I can readily identify with the health care part of your thinking. As a new Medicare recipient myself--one who has not had health care coverage during many years in the U.S.--I am conflicted about moving to a country where I cannot use it. That may ultimately prove to be a choice I can not afford, but for right now it is.

Your plan to try life on the road in a van sounds intriguing. Why not? What an adventure! Sure, it may not suit you through all the years left to you, but what a stimulating and engaging life while it does. 

.


----------



## lagoloo (Apr 12, 2011)

I'm with you, Turtle Too. Why not have a glorious road trip? She didn't say it was a forever plan.

As far as Medicare coverage is concerned, my husband and I have had much better medical experiences in Mexico than we had under Medicare in the U.S....so that's not as big a consideration as it may seem.

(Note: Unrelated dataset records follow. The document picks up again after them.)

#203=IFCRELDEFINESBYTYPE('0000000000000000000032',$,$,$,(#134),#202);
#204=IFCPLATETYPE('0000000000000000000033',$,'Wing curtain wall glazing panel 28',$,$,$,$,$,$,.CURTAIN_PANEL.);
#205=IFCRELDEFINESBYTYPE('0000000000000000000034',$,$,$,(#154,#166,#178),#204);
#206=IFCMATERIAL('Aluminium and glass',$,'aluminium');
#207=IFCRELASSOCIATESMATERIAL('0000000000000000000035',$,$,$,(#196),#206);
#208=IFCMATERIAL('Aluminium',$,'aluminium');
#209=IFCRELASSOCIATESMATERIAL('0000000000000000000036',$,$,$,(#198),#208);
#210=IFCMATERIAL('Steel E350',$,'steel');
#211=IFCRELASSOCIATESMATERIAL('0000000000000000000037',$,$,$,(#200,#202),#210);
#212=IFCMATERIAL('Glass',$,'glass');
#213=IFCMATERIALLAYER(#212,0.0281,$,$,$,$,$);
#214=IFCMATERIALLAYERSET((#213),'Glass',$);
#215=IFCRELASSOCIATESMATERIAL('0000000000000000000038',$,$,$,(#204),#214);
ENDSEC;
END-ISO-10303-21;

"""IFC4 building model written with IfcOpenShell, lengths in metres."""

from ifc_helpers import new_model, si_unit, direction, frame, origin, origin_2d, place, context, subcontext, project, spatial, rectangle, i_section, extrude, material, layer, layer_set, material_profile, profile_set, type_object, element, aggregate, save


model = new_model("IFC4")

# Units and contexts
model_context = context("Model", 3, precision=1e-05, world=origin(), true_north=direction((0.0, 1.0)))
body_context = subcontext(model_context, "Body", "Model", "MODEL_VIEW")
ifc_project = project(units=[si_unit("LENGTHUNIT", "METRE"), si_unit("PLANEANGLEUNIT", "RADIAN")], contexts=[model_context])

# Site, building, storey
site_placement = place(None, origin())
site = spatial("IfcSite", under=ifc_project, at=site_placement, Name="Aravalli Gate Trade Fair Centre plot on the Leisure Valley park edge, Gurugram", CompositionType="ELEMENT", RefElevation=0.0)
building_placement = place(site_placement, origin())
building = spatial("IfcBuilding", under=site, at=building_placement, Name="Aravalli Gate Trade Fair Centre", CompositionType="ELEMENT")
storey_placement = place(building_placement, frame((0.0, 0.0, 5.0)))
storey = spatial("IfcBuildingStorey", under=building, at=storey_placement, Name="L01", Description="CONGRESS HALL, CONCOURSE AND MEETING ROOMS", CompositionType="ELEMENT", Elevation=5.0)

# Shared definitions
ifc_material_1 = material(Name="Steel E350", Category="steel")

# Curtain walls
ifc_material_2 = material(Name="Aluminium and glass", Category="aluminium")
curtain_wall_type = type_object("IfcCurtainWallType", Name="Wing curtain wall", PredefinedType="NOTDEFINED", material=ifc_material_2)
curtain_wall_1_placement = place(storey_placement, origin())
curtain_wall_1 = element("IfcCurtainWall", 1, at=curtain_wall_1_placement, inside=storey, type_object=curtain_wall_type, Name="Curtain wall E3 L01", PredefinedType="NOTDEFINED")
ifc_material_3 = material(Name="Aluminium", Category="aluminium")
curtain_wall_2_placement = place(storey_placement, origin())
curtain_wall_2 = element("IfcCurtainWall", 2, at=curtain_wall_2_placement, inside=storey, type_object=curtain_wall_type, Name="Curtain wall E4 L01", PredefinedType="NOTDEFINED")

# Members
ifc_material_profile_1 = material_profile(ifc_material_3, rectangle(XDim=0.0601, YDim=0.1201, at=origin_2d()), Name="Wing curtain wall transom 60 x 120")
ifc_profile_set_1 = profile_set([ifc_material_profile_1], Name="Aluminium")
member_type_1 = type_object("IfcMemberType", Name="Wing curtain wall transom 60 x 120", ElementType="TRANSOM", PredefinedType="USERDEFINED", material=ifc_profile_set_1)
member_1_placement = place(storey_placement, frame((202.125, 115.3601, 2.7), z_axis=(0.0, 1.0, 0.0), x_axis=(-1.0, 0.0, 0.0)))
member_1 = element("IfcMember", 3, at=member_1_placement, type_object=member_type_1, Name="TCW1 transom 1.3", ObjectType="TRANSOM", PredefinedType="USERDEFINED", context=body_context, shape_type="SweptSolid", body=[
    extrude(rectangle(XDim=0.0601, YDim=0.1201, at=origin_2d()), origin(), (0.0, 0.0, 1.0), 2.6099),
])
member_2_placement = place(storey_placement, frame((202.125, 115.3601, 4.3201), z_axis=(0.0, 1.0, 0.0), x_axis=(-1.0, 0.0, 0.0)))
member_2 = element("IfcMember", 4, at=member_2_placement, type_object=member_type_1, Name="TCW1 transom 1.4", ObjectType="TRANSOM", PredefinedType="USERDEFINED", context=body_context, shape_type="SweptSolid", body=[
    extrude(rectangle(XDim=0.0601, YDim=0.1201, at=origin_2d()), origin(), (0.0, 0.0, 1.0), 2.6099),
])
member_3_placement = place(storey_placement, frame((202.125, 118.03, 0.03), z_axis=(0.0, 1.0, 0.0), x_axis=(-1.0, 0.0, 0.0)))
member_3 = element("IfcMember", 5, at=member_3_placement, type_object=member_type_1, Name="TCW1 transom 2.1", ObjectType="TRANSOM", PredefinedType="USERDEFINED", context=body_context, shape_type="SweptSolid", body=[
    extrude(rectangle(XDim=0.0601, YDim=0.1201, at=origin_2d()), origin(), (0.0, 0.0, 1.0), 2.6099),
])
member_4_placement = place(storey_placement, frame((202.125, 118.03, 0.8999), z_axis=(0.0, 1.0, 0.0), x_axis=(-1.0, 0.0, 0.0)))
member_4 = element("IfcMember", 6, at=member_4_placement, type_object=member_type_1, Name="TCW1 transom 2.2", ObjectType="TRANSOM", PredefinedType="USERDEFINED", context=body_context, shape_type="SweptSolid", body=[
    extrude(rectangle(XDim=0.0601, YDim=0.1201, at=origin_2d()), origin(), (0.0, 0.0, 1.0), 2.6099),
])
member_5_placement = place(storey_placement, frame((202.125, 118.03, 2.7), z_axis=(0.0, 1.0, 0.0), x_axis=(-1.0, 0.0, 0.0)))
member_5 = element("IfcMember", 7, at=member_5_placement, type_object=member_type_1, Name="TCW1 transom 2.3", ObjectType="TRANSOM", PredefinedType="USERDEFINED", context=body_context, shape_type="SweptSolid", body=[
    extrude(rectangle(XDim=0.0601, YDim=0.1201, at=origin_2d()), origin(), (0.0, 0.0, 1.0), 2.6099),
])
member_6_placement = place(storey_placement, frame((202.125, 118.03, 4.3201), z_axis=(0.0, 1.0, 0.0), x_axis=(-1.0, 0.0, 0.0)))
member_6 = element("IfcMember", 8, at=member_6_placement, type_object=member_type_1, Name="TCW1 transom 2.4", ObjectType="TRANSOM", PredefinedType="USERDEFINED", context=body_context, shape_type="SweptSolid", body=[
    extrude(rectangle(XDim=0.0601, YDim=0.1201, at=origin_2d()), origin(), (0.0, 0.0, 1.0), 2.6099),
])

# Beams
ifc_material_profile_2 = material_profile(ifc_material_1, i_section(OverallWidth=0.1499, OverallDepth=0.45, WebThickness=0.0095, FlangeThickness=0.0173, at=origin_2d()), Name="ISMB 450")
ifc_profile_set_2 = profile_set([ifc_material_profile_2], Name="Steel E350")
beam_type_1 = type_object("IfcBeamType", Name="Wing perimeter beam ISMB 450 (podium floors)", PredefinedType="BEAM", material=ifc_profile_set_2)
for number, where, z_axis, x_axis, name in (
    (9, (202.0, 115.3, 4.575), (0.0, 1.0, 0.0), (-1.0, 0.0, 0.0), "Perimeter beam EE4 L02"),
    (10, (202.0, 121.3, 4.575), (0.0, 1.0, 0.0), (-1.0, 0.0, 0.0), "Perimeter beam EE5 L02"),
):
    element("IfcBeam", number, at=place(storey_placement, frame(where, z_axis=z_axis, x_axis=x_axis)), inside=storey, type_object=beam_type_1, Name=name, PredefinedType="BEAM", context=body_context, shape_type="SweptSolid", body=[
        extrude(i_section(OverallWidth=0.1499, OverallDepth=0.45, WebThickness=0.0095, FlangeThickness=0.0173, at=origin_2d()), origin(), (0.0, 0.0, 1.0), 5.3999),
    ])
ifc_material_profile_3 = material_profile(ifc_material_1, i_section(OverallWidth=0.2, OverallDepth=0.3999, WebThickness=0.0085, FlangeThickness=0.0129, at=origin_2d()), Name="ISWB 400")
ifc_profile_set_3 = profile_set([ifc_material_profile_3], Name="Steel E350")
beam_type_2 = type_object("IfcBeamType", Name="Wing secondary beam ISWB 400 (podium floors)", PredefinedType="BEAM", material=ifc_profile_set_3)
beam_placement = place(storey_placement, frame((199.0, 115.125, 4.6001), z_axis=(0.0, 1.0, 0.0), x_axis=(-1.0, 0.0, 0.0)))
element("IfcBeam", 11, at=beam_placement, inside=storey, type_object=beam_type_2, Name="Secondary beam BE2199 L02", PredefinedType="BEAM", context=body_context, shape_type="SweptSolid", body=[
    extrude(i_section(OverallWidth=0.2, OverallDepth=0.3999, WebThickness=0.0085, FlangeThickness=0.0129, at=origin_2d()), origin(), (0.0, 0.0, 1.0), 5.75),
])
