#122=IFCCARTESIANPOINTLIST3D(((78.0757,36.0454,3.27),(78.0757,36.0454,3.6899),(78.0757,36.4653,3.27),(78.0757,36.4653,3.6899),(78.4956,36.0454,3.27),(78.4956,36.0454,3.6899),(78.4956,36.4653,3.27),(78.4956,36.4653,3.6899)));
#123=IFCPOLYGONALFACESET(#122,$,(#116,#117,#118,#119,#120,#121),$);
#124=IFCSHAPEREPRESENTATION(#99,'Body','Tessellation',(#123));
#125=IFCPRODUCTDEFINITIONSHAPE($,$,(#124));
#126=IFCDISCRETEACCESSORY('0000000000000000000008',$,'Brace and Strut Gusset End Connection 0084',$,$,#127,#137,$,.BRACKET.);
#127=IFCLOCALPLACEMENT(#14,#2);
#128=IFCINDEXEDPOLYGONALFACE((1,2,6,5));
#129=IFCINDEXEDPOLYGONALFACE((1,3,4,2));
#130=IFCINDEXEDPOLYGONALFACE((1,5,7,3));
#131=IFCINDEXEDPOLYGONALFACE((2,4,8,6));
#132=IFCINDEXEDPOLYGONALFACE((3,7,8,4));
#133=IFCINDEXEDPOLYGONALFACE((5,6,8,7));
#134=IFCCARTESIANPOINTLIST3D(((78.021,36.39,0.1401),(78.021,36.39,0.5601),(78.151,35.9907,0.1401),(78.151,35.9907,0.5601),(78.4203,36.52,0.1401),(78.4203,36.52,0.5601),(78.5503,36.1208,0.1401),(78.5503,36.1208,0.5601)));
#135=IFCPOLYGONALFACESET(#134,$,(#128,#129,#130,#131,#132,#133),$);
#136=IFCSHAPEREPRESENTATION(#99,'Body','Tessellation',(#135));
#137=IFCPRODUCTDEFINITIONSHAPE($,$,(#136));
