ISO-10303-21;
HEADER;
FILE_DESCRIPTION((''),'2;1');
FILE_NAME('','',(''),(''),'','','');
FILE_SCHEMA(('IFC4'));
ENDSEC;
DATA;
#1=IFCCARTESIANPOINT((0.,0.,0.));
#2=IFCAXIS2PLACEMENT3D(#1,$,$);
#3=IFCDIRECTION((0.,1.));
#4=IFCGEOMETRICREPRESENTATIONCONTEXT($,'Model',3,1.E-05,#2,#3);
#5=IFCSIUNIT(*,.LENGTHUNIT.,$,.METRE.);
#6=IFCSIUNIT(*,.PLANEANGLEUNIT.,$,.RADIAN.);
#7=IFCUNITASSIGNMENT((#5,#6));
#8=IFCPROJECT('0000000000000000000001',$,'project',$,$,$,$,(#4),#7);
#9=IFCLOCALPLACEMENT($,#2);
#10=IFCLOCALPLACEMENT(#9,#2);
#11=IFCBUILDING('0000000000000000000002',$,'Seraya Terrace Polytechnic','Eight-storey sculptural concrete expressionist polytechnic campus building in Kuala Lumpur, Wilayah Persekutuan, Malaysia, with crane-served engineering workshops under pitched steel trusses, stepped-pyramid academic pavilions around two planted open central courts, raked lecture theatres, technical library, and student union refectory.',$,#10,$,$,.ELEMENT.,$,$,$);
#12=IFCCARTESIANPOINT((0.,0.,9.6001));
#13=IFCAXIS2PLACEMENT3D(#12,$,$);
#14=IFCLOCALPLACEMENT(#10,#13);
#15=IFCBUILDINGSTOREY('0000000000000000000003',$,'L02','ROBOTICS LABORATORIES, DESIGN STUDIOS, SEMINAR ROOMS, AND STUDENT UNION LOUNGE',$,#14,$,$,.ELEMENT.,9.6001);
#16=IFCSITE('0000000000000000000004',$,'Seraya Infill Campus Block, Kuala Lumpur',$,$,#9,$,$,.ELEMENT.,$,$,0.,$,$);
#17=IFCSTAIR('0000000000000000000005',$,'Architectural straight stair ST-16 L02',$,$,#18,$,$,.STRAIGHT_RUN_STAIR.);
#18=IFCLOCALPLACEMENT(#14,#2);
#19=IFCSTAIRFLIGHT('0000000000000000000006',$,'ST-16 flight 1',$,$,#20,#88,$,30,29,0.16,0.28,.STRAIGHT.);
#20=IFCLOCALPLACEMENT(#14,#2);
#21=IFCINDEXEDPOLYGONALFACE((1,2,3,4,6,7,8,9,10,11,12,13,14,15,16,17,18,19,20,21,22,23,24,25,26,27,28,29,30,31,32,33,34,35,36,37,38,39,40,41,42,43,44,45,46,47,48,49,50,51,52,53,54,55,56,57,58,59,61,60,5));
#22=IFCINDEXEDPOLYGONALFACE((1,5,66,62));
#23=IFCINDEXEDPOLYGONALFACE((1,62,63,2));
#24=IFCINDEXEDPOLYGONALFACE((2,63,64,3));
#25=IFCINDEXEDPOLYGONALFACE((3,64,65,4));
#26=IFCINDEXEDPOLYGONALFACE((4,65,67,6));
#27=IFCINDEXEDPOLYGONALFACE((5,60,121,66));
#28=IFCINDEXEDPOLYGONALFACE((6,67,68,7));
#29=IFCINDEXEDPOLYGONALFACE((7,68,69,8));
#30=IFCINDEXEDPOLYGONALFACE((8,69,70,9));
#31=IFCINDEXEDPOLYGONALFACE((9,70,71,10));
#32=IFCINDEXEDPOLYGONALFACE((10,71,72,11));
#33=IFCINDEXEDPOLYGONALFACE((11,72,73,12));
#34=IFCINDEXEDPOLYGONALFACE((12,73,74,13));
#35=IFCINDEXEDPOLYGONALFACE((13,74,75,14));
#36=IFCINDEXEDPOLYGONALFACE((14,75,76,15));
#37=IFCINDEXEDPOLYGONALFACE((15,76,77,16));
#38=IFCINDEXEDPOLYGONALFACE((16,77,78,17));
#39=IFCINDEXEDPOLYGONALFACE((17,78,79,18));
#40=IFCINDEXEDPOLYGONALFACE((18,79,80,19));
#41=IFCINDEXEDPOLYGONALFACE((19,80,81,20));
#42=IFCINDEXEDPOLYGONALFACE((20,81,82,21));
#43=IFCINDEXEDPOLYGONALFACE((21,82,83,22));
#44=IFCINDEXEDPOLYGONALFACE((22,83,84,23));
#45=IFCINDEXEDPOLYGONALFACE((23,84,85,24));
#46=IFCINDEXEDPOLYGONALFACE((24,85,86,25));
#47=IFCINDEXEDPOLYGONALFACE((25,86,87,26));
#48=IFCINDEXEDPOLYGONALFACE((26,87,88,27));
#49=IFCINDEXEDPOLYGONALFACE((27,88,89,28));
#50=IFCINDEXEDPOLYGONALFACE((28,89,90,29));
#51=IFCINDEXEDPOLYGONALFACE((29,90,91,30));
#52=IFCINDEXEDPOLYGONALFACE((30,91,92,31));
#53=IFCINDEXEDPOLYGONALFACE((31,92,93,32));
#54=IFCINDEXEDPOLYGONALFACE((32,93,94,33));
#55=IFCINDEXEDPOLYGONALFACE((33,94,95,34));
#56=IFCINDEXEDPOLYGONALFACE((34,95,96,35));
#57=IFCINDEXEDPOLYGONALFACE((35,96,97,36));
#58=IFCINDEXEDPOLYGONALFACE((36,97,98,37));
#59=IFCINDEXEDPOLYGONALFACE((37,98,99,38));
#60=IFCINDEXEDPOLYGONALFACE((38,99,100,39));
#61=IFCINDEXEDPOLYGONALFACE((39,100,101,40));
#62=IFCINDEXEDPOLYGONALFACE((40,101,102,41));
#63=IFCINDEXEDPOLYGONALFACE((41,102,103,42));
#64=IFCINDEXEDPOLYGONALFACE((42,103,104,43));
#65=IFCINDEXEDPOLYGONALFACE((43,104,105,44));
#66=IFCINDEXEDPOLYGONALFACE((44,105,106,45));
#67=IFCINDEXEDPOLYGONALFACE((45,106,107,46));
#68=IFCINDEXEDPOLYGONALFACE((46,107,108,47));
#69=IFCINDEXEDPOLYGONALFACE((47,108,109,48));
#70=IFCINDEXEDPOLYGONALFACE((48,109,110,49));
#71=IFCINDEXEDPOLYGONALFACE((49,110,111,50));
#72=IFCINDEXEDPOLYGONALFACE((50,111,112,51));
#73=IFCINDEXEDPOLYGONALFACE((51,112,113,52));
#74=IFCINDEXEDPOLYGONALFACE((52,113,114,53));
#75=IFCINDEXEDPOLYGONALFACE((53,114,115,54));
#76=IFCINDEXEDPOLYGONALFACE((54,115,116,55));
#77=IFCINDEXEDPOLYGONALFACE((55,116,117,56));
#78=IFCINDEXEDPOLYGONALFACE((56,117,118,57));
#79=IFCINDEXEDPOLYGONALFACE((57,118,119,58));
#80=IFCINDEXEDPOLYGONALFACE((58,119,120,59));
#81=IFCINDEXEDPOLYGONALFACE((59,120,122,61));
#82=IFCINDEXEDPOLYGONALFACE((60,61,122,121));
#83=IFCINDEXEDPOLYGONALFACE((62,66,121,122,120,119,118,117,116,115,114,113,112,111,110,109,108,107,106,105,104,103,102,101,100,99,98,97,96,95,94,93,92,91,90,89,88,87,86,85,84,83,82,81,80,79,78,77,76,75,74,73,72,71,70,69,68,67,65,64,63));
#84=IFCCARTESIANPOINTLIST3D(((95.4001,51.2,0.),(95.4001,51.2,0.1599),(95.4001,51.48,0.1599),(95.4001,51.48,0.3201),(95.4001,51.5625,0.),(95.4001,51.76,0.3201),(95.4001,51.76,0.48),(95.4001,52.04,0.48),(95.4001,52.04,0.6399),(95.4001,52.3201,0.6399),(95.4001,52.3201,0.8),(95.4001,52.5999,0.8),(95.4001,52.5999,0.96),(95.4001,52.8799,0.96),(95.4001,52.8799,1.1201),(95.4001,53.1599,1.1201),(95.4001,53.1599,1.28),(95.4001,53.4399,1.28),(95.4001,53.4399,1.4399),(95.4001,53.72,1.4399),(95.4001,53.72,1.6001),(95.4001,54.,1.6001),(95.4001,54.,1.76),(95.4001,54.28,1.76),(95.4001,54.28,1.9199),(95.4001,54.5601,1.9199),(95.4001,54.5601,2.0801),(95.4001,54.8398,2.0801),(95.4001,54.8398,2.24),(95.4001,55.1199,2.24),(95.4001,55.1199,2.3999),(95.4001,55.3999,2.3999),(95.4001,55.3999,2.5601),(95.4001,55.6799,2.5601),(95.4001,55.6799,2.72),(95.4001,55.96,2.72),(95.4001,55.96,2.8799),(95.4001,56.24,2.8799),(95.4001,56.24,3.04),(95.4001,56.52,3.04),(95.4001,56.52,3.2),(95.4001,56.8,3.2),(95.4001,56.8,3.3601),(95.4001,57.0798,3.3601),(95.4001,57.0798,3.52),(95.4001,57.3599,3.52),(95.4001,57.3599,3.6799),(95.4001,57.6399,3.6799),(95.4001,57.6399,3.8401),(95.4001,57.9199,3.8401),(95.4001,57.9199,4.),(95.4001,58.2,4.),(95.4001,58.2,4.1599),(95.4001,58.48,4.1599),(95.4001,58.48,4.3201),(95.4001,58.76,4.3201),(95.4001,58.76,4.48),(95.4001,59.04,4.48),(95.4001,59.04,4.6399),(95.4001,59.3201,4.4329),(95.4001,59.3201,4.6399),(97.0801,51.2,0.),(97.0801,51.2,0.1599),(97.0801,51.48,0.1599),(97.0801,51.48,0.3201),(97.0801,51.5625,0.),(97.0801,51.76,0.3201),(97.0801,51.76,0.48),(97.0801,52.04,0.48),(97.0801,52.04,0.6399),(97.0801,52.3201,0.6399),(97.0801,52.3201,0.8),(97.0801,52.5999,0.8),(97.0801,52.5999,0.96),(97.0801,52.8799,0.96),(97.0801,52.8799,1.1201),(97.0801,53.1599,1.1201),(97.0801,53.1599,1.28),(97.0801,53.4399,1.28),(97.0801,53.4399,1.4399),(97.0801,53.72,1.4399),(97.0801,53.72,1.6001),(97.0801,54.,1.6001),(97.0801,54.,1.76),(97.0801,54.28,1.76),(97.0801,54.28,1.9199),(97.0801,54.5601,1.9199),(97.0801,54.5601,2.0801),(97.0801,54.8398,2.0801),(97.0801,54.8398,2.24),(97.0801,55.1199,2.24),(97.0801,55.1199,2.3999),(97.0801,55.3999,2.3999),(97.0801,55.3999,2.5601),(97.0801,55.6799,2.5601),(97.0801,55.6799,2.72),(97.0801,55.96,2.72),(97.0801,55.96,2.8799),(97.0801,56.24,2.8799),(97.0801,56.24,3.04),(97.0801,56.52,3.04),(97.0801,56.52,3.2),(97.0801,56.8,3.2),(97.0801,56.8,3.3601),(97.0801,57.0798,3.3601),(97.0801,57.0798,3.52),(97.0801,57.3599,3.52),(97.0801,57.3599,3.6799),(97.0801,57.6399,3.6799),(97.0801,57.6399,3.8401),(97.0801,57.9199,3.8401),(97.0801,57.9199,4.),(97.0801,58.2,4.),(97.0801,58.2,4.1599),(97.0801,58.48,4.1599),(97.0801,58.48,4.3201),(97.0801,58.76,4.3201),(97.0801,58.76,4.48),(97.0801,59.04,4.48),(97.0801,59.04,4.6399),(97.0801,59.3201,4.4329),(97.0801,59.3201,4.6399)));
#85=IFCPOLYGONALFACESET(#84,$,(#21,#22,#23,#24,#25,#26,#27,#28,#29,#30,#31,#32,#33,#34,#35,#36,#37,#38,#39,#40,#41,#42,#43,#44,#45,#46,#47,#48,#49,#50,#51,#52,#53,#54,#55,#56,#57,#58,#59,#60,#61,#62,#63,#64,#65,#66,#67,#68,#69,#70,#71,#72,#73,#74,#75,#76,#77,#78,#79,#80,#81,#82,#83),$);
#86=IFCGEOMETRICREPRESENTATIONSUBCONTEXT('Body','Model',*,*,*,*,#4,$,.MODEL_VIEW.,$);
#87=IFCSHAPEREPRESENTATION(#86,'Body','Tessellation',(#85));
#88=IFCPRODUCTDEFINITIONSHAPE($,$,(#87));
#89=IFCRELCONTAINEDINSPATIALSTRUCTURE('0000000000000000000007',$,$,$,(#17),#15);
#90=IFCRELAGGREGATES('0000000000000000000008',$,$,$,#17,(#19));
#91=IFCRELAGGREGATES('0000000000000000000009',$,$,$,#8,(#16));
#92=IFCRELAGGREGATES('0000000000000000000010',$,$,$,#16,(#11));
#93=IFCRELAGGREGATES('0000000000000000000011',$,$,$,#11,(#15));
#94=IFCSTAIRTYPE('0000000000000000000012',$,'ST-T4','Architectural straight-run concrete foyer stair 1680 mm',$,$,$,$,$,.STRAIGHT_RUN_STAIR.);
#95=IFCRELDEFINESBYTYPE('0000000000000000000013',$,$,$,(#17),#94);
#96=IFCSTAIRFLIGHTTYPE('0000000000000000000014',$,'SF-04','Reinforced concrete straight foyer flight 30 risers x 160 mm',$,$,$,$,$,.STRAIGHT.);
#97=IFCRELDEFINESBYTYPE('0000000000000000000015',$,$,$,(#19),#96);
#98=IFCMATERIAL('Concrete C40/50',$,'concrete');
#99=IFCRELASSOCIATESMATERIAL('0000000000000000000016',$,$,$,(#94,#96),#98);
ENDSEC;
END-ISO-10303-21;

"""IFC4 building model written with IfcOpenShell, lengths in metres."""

from ifc_helpers import new_model, si_unit, direction, frame, origin, place, context, subcontext, project, spatial, polyline, outline, extrude, material, type_object, element, aggregate, save


model = new_model("IFC4")

# Units and contexts
model_context = context("Model", 3, precision=1e-05, world=origin(), true_north=direction((0.0, 1.0)))
body_context = subcontext(model_context, "Body", "Model", "MODEL_VIEW")
ifc_project = project(units=[si_unit("LENGTHUNIT", "METRE"), si_unit("PLANEANGLEUNIT", "RADIAN")], contexts=[model_context])

# Site, building, storey
site_placement = place(None, origin())
site = spatial("IfcSite", under=ifc_project, at=site_placement, Name="Seraya Infill Campus Block, Kuala Lumpur", CompositionType="ELEMENT", RefElevation=0.0)
building_placement = place(site_placement, origin())
building = spatial("IfcBuilding", under=site, at=building_placement, Name="Seraya Terrace Polytechnic", Description="Eight-storey sculptural concrete expressionist polytechnic campus building in Kuala Lumpur, Wilayah Persekutuan, Malaysia, with crane-served engineering workshops under pitched steel trusses, stepped-pyramid academic pavilions around two planted open central courts, raked lecture theatres, technical library, and student union refectory.", CompositionType="ELEMENT")
storey_placement = place(building_placement, frame((0.0, 0.0, 9.6001)))
storey = spatial("IfcBuildingStorey", under=building, at=storey_placement, Name="L02", Description="ROBOTICS LABORATORIES, DESIGN STUDIOS, SEMINAR ROOMS, AND STUDENT UNION LOUNGE", CompositionType="ELEMENT", Elevation=9.6001)

# Shared definitions
ifc_material_1 = material(Name="Concrete C40/50", Category="concrete")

Let's hope everyone who contemplates a move thinks it through as thoroughly as she did. Too many people move here at great expense and can't wait to get back NOB after a short time. They didn't consider everything.


----------



## TundraGreen (Jul 15, 2010)

lagoloo said:


> I'm with you, Turtle Too. Why not have a glorious road trip? She didn't say it was a forever plan.
> 
> As far as Medicare coverage is concerned, my husband and I have had much better medical experiences in Mexico than we had under Medicare in the U.S....so that's not as big a consideration as it may seem.
> 
> Let's hope everyone who contemplates a move thinks it through as thoroughly as she did. Too many people move here at great expense and can't wait to get back NOB after a short time. They didn't consider everything.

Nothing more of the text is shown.